Displaying a DB item from an RSS link

MySQL is not my strong suit. ;) I'm trying to set up an RSS feed where
each item when clicked on would be directed to another page for more
information to be displayed. The additional information would be
extracted from the database table and be displayed dynamically on a new
page. But I can't seem to get the right phrasing to make it happen.

I'm using this format - www.mydomain.com/rssdisplay.htm#24 - as the link
that forwards to the new page which is called rssdisplay.htm. What I
need to do is pull ID# 24 (or whatever other one that is requested) from
the table and display it. But I can't come up with how.

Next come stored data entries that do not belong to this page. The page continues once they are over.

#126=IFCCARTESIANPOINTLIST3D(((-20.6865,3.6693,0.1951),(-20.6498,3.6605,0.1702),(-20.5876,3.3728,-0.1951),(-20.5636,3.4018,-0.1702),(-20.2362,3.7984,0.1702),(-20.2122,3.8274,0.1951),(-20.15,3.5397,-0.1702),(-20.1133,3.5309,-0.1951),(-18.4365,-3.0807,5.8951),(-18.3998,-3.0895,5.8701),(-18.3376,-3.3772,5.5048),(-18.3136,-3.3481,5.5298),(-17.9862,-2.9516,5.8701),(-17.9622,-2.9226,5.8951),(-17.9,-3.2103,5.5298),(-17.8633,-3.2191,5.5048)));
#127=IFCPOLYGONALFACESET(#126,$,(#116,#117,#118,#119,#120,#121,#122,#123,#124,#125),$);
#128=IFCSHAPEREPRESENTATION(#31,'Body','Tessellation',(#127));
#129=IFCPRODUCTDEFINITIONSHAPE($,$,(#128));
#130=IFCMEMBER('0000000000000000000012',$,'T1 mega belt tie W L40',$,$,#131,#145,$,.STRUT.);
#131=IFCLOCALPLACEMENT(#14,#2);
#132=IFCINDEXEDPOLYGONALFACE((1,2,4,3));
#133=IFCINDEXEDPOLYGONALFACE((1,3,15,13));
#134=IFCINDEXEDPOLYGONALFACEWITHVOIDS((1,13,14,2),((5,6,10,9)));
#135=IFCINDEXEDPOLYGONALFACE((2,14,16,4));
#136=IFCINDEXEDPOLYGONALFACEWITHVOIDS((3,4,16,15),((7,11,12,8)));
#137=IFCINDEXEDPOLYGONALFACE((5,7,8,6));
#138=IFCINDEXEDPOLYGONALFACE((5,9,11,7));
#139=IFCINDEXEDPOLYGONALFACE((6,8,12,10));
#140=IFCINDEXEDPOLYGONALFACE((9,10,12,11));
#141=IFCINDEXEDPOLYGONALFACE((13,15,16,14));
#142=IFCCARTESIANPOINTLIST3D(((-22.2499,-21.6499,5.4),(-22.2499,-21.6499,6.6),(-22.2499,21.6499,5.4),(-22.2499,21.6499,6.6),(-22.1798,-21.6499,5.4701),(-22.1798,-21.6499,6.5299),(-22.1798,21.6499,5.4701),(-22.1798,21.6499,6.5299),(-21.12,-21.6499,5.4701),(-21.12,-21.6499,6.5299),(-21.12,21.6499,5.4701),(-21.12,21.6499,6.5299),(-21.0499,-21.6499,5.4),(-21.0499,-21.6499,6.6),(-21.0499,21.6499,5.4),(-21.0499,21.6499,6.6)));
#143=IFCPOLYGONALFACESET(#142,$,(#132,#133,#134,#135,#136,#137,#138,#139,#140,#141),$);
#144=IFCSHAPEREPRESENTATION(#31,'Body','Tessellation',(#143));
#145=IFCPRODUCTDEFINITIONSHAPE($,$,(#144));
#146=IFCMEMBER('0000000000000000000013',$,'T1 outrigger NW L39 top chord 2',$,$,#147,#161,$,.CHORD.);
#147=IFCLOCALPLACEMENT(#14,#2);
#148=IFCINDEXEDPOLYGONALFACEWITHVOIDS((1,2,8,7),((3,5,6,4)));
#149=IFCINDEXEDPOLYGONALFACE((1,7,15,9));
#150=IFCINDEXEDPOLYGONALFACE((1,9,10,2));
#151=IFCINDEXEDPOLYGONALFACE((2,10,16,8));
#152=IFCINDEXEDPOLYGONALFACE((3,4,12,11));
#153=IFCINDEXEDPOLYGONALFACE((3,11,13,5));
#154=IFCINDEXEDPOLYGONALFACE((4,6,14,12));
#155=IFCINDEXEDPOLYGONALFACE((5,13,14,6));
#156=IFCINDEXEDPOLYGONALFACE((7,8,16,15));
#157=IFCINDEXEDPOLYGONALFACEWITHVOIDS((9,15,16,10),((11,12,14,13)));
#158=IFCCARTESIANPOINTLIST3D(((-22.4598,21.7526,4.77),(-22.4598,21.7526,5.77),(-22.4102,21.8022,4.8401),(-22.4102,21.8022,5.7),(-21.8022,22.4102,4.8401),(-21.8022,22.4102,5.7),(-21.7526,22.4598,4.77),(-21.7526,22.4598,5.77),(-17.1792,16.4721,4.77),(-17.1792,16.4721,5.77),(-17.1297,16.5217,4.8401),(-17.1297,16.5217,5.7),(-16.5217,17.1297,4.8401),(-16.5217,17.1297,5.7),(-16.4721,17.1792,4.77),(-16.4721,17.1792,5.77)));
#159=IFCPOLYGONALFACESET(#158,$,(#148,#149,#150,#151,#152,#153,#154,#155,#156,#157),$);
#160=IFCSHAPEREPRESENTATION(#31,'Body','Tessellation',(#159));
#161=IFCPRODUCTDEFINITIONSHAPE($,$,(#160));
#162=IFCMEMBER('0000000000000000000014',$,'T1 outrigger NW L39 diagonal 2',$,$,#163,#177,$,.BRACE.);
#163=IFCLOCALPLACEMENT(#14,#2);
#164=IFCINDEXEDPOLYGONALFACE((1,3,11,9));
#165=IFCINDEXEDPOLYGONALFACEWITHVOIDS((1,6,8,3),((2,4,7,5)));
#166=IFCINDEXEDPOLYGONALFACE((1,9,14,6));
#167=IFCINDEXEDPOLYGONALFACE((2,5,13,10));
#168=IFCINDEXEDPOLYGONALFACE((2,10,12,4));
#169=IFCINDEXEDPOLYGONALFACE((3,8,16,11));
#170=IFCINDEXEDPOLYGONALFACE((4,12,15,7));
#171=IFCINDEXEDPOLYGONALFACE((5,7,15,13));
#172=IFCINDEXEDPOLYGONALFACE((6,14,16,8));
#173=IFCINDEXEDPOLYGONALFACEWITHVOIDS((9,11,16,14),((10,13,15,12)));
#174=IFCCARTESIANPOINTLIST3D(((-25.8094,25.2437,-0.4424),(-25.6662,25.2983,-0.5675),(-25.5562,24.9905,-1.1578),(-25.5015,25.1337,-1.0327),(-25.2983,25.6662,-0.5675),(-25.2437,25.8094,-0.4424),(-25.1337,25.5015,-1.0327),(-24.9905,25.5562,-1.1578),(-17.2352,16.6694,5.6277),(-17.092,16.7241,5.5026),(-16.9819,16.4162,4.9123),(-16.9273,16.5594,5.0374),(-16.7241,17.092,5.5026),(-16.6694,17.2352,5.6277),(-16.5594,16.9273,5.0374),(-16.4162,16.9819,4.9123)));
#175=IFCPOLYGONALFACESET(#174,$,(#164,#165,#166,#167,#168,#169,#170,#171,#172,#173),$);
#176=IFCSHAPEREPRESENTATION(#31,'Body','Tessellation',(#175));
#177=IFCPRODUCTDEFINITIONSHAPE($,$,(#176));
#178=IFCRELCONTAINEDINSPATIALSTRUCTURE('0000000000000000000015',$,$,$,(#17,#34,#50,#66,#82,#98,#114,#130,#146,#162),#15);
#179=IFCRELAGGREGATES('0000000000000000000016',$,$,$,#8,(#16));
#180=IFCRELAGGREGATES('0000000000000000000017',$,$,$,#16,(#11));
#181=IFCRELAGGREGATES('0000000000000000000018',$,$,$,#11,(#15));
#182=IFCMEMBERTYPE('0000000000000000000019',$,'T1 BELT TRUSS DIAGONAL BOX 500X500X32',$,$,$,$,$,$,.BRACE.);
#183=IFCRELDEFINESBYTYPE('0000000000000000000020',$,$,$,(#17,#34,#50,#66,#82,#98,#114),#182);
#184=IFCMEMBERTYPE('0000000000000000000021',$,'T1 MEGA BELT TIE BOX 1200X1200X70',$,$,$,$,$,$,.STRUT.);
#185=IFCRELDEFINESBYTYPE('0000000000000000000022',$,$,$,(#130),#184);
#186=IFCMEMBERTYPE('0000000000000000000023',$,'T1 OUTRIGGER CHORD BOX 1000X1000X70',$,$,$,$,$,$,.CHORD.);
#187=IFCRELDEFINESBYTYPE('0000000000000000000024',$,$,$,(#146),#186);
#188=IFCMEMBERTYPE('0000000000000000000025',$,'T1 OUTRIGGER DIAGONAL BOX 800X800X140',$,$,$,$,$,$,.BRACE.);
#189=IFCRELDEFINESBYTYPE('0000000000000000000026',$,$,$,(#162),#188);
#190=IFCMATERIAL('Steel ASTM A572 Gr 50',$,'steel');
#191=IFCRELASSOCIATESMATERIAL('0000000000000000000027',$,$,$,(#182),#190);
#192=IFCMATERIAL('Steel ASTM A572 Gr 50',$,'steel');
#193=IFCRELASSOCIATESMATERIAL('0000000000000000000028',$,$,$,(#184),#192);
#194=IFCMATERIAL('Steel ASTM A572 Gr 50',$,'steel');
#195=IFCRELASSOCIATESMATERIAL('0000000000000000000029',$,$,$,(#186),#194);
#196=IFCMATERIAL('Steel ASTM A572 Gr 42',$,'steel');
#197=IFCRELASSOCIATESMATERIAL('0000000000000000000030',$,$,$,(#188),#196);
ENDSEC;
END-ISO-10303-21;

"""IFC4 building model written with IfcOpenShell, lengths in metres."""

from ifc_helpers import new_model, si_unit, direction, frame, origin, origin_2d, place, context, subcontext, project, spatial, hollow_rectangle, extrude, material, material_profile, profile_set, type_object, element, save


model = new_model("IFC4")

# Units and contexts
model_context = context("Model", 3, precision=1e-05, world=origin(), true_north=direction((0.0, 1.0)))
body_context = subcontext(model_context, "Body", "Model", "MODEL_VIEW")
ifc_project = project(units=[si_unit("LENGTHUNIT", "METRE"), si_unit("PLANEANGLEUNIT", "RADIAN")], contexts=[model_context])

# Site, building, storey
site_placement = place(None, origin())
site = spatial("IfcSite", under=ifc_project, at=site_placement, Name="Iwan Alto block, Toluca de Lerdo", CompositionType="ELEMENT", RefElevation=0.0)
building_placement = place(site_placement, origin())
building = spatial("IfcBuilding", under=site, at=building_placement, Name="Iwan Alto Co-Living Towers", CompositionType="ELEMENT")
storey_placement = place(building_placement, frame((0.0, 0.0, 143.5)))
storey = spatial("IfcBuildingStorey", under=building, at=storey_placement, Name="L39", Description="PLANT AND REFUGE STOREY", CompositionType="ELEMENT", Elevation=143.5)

I thought this would work:

$referer = $_SERVER['HTTP_REFERER'];
$ids = explode("#", $referer);
$ids = $ids[1];

$select = "SELECT * FROM `news` WHERE `ID` LIKE $ids";

but it doesn't. And it doesn't throw an error, just does nothing. :( If
I echo $ids[1], I get nothing.

What am I doing wrong here?

Peter H. Coffin wrote:
> On Sat, 28 Oct 2006 11:41:53 -0400, builder wrote:
>
>>MySQL is not my strong suit. ;) I'm trying to set up an RSS feed where
>>each item when clicked on would be directed to another page for more
>>information to be displayed. The additional information would be
>>extracted from the database table and be displayed dynamically on a new
>>page. But I can't seem to get the right phrasing to make it happen.
>>
>>I'm using this format - www.mydomain.com/rssdisplay.htm#24 - as the link
>>that forwards to the new page which is called rssdisplay.htm. What I
>>need to do is pull ID# 24 (or whatever other one that is requested) from
>>the table and display it. But I can't come up with how.
>>
>>I thought this would work:
>>
>>$referer = $_SERVER['HTTP_REFERER'];
>>$ids = explode("#", $referer);
>>$ids = $ids[1];
>
>
> Are you sure you want to use $ids for both of the above lines? I'm not
> sure, but in some languages, assigning scalars to things that are
> defined as structures does special things. Which may not be what you
> want here.
>
>
>>$select = "SELECT * FROM `news` WHERE `ID` LIKE $ids";
>>
>>but it doesn't. And it doesn't throw an error, just does nothing. :( If
>>I echo $ids[1], I get nothing.
>
>
> Nothing won't match to anything with a LIKE...
>
> mysql> create table foo ( col1 varchar (30), col2 varchar (30));
> Query OK, 0 rows affected (0.10 sec)
>
> mysql> insert into foo values ('test 1', 'test 2');
> Query OK, 1 row affected (0.00 sec)
>
> mysql> select * from foo where col2 like '';
> Empty set (0.00 sec)
>
> mysql> select * from foo where col2 like 'test';
> Empty set (0.00 sec)
>
> mysql> select * from foo where col2 like 'test%';
> +--------+--------+
> | col1 | col2 |
> +--------+--------+
> | test 1 | test 2 |
> +--------+--------+
> 1 row in set (0.00 sec)

Okay, I understand how MySQL pulls the correct ID from your example. But
in my situation I need to get the value of "test" (the number following
# that the link contained) in order to write the select correctly. What
I'm having trouble with is determining what that # value (which will
also be the ID number in the table) that it is looking for actually is.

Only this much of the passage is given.